Thanks for making me crack up with this paragraph: “Partitioning pros will note that I’m violating all kinds of best practices. Partitioning pros should also note that I’m trying to teach the basics of partitioning in a really short amount of space. Partitioning pros should go write their own blog posts.”
🙂
On SQL Server 2017 Std, I have an SSIS package that runs once a day on a 24×7 mission critical operational database to archive the largest transactional tables. The data is moved to tables on a separate archive database and the process runs smoothly with minimum locking contention on the live db (deletes are spread through a long period of time). Having a separate archiving database gives us many advantages: backup databases separately; refresh testing environments with only current data; improve query performance on current data, amount others. The only drawback was code change (to add logic to union on archived data when requested by the user on the UI) and a slower cross-database query when needing to fetch archived data.
We are upgrading to Enterprise edition and considering table partitioning for data archiving, but the more I read about it the more worried I get in relation to the implementation and maintenance overhead. The only real advantage I can see so far is the transparency to the application, not requiring code changes.
Did any of you use table partitioning for data archiving? Is it really worth it on OLTP systems? I got the point mentioned above about doing it for OLAP. Thanks very much in advance.
Marcelo – for general questions, your best bet is a Q&A site like https://dba.stackexchange.com or SQLhelp on Twitter: https://www.brentozar.com/go/sqlhelp
Thanks million for the tip! 😉
Can i suggest a 4th example here?
“So should you partition your tables?
If you’re dealing with a 1TB+ data warehouse that can do sliding window loads, possibly.
If you’re dealing with a smaller one, or you can’t do sliding window loads, partitioned views are usually a better fit.
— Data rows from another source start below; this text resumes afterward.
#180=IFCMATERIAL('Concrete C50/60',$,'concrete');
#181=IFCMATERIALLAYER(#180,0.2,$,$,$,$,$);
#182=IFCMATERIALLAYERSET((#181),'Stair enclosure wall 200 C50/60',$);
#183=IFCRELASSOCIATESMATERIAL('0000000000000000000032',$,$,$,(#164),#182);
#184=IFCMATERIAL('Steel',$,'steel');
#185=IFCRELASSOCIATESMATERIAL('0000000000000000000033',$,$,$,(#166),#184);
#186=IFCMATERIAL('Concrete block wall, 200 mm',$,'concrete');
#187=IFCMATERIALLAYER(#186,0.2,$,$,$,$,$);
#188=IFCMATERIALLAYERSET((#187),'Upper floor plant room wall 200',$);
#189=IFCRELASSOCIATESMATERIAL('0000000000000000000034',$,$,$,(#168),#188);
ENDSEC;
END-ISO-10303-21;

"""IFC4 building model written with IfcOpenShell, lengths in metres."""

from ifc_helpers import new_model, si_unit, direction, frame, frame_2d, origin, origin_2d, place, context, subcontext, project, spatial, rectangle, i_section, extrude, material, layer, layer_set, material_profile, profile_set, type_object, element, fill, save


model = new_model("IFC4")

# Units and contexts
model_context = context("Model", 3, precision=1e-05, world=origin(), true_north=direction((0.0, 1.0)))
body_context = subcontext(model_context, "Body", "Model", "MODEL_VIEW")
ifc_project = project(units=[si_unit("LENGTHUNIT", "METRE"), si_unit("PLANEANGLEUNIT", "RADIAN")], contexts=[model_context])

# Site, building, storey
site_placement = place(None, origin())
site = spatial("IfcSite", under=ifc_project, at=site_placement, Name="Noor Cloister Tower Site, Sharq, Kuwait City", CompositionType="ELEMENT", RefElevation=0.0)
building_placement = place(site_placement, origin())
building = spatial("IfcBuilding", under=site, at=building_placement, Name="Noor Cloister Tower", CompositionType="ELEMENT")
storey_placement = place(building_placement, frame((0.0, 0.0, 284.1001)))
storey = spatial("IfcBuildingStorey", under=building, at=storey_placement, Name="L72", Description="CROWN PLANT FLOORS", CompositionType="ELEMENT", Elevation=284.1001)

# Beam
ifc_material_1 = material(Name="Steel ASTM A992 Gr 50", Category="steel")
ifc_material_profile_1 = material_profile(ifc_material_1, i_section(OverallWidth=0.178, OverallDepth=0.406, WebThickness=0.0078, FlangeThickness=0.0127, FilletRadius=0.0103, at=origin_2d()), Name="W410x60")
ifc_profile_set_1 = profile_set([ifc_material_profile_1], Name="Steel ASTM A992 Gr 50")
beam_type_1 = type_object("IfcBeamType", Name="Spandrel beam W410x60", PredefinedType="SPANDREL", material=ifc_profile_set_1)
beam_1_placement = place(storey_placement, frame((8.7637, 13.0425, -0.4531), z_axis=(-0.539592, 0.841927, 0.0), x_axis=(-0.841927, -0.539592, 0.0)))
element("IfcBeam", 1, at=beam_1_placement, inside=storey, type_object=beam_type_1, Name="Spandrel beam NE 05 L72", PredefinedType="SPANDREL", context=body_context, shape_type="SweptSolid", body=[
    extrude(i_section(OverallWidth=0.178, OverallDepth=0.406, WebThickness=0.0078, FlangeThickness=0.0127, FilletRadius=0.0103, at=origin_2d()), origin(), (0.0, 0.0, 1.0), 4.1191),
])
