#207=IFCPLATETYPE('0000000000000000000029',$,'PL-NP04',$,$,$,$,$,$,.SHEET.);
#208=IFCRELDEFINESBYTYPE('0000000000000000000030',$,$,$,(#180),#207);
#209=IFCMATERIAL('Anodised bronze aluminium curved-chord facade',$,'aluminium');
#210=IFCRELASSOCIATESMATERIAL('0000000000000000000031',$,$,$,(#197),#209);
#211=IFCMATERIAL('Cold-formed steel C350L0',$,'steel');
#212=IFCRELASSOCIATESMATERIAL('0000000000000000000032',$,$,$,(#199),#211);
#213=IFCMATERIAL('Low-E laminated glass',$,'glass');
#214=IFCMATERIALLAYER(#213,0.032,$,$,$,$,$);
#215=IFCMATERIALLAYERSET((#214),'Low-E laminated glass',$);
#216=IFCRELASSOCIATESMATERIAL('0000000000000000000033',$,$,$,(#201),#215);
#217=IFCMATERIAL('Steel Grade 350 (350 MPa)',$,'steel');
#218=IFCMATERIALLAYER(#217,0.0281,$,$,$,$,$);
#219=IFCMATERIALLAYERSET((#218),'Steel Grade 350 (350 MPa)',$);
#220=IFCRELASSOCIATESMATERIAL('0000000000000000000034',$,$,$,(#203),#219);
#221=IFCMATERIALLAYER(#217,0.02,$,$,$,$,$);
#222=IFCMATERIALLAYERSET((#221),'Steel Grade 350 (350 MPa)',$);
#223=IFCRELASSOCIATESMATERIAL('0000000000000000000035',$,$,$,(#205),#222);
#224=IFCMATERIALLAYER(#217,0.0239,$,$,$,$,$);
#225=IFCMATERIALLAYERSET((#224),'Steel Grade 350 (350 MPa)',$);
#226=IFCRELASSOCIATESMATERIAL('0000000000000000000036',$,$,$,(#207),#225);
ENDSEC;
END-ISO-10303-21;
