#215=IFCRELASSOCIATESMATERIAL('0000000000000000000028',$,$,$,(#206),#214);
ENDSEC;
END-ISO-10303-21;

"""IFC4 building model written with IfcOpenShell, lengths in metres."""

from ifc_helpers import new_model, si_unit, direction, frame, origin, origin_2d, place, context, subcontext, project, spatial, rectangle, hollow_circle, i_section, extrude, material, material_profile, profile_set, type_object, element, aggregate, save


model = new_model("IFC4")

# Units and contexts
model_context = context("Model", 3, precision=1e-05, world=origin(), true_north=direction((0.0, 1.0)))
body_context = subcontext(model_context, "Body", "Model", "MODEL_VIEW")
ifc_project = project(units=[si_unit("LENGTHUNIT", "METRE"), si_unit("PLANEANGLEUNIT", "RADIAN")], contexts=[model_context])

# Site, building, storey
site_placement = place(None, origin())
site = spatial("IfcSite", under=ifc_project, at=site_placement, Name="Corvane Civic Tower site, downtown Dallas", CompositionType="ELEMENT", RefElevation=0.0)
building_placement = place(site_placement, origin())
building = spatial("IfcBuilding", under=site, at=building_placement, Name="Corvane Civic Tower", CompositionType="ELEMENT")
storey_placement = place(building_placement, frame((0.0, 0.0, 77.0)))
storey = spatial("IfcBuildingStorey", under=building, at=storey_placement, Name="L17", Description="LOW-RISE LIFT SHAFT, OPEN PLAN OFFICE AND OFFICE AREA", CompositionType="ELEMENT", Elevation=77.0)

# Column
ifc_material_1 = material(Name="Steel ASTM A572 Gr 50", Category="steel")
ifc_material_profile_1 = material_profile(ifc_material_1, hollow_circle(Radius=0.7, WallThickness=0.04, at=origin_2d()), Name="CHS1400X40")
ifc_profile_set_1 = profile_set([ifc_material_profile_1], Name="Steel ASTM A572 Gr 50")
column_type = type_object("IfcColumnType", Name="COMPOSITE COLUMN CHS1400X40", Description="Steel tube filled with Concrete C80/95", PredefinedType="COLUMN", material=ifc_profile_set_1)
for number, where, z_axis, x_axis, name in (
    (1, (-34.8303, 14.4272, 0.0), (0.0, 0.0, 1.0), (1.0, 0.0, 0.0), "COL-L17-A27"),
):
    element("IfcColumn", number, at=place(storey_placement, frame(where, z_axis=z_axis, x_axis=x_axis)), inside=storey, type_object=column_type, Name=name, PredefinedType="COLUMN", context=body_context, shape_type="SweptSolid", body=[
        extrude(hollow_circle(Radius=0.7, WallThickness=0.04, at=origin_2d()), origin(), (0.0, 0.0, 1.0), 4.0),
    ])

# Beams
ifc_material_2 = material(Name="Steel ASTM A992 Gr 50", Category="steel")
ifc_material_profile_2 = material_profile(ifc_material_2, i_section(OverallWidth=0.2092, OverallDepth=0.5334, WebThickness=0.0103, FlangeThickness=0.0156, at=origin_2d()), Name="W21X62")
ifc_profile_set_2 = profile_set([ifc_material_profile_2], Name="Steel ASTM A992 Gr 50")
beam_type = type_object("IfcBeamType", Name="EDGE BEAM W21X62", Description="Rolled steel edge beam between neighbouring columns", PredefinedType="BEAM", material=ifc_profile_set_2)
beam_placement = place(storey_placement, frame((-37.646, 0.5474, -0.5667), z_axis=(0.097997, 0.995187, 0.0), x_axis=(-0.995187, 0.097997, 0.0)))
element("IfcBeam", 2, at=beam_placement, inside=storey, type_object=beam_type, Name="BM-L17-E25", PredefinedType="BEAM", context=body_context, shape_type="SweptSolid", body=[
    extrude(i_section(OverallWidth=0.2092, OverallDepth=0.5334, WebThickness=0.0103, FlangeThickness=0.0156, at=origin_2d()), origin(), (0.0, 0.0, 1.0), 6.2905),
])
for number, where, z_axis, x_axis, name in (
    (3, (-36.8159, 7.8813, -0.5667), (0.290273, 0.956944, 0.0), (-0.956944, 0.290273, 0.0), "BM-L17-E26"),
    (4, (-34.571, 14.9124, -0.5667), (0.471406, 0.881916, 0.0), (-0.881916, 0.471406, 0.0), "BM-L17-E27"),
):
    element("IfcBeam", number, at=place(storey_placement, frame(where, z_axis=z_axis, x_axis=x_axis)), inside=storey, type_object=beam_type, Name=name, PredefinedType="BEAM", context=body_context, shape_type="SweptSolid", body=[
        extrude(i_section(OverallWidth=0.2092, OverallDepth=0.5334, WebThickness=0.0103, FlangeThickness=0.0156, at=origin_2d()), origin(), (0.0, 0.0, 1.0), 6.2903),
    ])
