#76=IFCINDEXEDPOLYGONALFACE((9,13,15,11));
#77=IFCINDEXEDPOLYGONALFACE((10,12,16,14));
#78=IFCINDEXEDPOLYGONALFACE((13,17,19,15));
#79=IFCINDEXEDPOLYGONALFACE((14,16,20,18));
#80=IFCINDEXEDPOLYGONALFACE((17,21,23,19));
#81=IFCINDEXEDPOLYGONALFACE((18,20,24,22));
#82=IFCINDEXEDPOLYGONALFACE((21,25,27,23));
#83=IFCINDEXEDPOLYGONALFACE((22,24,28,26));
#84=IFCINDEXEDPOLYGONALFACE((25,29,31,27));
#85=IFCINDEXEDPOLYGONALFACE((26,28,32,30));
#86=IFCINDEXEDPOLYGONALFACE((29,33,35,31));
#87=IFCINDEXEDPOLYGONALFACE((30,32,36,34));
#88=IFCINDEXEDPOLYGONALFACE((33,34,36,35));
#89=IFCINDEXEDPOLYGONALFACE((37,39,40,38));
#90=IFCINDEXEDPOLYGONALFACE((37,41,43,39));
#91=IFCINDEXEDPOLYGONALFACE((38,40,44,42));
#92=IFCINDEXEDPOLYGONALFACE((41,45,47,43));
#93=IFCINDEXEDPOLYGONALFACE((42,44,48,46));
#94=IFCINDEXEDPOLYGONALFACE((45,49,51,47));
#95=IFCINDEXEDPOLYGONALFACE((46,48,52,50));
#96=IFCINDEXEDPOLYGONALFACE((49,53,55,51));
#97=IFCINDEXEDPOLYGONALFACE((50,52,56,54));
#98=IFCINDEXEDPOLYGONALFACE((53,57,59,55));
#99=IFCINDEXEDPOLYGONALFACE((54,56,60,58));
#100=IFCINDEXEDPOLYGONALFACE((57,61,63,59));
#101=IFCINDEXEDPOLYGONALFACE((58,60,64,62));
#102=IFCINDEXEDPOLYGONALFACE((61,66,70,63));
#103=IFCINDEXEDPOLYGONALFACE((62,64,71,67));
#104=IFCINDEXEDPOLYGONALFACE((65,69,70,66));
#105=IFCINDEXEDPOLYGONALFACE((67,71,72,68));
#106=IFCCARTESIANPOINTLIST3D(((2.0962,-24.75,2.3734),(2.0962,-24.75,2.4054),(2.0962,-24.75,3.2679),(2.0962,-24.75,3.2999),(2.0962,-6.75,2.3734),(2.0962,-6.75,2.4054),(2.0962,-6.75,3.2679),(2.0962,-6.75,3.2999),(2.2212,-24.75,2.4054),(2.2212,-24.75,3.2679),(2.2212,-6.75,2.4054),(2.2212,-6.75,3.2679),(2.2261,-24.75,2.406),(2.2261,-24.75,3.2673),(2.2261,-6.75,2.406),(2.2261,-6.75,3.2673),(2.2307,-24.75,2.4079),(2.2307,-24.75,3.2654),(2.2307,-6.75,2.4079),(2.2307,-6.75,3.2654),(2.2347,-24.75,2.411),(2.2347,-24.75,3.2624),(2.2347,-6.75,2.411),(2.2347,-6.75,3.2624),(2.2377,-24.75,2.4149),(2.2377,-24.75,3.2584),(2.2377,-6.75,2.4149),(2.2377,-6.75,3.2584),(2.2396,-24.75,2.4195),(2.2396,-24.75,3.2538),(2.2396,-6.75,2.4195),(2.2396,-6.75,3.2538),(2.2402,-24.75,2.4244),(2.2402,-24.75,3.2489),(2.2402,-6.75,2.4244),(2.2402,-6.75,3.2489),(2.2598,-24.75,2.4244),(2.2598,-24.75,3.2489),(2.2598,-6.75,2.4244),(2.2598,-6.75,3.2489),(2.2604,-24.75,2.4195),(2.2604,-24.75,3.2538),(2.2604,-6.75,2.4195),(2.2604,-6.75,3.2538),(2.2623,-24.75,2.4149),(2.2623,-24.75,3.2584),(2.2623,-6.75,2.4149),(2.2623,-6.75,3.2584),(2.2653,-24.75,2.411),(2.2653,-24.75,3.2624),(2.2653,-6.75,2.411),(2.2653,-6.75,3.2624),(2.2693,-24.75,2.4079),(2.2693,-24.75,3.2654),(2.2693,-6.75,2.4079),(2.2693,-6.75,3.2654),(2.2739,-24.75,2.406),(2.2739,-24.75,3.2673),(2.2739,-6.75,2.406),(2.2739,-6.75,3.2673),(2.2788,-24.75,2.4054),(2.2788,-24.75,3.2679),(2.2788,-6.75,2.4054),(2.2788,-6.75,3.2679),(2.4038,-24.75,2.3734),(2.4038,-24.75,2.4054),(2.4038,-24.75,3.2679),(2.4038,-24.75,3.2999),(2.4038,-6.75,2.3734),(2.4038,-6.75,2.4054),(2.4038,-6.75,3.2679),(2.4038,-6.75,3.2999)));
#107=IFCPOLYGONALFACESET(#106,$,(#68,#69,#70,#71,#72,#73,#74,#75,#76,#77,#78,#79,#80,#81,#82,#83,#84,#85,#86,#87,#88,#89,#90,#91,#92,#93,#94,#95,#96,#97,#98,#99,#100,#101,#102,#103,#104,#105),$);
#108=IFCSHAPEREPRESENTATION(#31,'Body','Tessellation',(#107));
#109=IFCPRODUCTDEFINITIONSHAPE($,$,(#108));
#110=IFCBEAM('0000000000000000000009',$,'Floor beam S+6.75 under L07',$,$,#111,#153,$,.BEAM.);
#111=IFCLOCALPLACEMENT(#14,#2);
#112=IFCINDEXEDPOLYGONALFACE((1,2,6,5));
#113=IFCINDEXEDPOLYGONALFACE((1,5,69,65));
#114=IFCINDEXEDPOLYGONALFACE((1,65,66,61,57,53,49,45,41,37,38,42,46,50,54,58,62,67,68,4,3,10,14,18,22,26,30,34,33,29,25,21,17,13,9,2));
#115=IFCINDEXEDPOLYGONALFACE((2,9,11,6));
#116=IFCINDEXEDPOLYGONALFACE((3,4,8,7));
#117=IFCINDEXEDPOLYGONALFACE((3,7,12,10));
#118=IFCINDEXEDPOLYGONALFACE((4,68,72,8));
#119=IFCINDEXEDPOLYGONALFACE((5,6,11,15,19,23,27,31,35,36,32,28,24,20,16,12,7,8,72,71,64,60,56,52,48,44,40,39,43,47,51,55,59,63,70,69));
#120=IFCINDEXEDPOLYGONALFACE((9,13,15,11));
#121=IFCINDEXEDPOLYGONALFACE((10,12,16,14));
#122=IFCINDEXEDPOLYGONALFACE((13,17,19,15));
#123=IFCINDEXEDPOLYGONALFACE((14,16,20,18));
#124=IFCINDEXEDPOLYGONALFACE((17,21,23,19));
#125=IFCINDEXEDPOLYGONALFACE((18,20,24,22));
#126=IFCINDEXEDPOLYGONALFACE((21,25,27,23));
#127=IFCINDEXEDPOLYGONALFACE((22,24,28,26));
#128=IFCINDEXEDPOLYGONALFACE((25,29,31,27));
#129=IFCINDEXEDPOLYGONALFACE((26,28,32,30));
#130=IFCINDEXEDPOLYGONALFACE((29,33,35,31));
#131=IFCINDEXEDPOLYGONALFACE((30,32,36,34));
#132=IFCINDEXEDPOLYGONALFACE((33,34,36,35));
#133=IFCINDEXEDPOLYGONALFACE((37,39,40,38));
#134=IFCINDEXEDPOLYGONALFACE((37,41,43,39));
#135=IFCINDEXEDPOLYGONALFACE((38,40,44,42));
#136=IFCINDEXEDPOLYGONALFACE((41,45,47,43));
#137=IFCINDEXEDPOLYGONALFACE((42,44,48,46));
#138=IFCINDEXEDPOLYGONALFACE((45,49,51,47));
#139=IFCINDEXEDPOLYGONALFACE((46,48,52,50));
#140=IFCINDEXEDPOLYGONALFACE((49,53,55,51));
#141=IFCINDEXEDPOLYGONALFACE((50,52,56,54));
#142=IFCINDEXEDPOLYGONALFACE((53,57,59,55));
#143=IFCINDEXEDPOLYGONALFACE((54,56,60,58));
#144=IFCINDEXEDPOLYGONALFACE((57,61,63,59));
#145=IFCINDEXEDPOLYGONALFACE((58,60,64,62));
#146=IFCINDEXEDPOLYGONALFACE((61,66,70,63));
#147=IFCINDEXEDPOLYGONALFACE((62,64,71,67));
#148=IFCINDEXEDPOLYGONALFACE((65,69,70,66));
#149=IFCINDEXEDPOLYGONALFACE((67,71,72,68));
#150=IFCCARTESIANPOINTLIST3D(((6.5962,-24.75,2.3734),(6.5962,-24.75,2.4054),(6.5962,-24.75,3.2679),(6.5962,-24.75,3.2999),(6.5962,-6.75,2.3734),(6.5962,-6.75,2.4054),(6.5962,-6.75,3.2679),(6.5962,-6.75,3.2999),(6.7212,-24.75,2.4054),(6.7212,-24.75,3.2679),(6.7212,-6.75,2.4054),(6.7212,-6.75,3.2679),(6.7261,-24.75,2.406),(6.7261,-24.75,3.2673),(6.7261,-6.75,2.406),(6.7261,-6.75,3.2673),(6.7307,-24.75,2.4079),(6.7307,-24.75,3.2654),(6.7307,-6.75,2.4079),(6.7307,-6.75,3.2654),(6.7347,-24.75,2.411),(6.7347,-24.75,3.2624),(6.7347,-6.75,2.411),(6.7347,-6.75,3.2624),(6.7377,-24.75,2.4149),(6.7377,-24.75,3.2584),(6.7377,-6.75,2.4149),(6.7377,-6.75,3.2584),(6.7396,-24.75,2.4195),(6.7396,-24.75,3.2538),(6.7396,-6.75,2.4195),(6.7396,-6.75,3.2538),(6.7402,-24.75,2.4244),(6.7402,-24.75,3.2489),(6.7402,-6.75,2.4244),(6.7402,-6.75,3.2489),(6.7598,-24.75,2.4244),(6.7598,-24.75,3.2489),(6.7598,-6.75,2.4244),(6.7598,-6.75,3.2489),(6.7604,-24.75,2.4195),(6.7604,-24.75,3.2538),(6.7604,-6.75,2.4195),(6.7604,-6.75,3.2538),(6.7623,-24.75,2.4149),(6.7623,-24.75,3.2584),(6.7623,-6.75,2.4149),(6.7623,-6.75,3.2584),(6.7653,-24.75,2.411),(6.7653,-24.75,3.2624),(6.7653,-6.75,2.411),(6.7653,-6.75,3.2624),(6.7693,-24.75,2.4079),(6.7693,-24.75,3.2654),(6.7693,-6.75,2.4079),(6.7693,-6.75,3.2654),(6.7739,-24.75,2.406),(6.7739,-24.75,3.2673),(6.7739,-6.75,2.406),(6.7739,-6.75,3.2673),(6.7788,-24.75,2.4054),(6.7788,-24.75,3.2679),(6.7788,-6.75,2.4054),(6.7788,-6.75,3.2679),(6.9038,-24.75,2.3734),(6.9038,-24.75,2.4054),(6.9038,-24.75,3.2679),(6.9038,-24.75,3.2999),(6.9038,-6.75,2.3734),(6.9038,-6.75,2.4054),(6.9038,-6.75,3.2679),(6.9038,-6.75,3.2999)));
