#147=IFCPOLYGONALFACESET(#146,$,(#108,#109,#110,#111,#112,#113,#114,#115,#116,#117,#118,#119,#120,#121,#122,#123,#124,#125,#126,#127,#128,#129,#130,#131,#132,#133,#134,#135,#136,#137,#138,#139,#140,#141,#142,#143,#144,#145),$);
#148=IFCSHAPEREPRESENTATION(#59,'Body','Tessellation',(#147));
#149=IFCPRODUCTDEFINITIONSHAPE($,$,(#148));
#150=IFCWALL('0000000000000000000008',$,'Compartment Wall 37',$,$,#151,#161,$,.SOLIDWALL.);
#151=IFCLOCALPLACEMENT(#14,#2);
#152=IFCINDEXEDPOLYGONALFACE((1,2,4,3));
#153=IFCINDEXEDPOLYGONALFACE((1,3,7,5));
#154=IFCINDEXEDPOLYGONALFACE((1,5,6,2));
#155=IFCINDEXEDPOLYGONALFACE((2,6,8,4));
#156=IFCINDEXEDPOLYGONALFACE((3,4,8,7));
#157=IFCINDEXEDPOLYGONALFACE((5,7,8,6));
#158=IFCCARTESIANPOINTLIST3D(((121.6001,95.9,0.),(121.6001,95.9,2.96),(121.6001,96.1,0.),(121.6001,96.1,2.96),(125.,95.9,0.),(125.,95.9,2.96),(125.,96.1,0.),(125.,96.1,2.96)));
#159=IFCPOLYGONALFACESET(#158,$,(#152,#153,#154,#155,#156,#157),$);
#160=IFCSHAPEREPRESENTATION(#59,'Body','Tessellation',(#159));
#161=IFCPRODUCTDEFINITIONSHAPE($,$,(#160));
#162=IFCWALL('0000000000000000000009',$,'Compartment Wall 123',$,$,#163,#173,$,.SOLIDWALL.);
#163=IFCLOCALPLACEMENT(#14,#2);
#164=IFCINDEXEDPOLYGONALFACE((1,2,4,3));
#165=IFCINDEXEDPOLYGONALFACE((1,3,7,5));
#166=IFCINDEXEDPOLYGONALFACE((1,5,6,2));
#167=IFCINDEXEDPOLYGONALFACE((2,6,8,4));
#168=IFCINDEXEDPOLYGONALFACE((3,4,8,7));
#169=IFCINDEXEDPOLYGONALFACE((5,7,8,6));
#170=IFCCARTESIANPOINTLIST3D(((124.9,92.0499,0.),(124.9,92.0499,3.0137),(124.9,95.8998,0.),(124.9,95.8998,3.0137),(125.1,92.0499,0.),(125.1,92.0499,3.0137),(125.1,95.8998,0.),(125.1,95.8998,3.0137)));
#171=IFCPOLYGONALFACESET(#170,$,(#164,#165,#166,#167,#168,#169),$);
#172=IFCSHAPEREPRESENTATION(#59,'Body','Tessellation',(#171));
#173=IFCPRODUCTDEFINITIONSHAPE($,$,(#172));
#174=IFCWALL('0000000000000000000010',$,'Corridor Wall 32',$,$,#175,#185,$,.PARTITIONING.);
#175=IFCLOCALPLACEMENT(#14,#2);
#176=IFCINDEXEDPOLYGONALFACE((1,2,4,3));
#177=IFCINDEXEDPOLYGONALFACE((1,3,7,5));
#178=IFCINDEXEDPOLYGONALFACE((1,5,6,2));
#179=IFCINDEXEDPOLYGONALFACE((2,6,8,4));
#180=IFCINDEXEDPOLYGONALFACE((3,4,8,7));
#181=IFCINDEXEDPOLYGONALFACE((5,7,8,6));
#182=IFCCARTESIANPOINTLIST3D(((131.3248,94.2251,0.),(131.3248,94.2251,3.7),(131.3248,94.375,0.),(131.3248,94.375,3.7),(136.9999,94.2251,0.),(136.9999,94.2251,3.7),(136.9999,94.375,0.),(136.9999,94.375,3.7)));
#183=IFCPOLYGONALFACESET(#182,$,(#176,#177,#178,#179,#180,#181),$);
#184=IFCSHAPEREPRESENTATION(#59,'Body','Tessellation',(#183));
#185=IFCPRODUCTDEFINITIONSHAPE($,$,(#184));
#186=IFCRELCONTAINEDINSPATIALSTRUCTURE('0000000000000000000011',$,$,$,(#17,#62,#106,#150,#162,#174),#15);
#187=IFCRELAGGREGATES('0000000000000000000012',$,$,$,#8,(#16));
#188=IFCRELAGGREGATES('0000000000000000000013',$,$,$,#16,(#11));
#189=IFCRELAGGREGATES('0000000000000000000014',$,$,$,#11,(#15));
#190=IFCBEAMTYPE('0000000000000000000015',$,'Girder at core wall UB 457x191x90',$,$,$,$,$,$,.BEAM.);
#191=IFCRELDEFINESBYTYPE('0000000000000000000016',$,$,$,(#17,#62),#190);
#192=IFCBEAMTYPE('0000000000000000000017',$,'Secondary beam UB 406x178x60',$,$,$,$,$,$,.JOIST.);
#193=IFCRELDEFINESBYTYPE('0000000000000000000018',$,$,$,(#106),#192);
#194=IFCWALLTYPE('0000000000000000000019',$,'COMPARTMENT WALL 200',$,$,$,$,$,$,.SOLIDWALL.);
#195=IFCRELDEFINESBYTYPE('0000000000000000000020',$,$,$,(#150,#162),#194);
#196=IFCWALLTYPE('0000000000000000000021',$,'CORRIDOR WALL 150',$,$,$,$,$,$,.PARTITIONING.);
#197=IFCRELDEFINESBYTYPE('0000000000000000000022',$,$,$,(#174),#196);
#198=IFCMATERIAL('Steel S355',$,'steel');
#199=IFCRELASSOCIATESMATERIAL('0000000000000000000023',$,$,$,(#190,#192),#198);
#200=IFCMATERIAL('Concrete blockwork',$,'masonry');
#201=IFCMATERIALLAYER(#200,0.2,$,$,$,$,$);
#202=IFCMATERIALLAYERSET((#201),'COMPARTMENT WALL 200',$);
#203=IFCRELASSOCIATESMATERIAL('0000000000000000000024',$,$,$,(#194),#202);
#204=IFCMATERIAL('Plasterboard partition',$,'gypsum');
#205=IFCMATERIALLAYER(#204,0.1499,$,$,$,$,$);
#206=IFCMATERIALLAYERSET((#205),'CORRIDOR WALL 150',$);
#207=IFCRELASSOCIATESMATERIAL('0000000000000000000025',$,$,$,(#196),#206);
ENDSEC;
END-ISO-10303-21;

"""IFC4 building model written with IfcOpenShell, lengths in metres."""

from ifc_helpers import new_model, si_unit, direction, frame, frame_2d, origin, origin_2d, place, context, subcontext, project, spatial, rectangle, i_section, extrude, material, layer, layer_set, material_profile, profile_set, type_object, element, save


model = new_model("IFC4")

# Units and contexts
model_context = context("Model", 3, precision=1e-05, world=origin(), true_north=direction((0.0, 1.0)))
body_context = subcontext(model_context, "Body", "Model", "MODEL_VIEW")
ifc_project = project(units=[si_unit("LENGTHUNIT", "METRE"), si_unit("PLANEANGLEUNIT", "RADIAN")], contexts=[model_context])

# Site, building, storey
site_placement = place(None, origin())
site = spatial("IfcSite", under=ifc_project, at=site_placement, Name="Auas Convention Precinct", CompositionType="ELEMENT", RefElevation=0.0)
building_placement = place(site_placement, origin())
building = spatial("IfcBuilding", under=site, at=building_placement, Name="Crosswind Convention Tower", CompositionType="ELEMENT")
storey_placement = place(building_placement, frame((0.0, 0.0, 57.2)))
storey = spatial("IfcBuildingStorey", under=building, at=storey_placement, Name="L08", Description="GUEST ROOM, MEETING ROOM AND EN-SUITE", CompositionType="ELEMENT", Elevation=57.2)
If you’re doing transactional workloads, and you can’t guarantee that the partitioning key will be in most of your WHERE clauses, then no, partitioning isn’t a good fit. Plain ol’ index and query tuning will be a better match.
”
If you’re dealing with a 1TB+ OLTP with transactional workload, and you can no longer maintain your indexes due to sheer size, and you don’t have an archiving solution just yet, then maybe…
I’m in the process of copying billions of rows over to a partitioned version of a production table on a 6Tb database, without downtime (cos i don’t have that option), in order to have maintainable indexes.
We need unicity and the partitioned column isn’t part of the unique columns, so switching in/out wont be possible.
Burying our head in the sand didnt make it go away, so we’ve gone for partitioning.
The DataWarehouse part will be offloaded to an Azure ‘copy’ in the nearish future so i’m not too concerned about WHERE clauses and partition elimination.
Thank you for your dedication and fun value while sharing this knowledge. It makes our job that much more fun and really, really helps!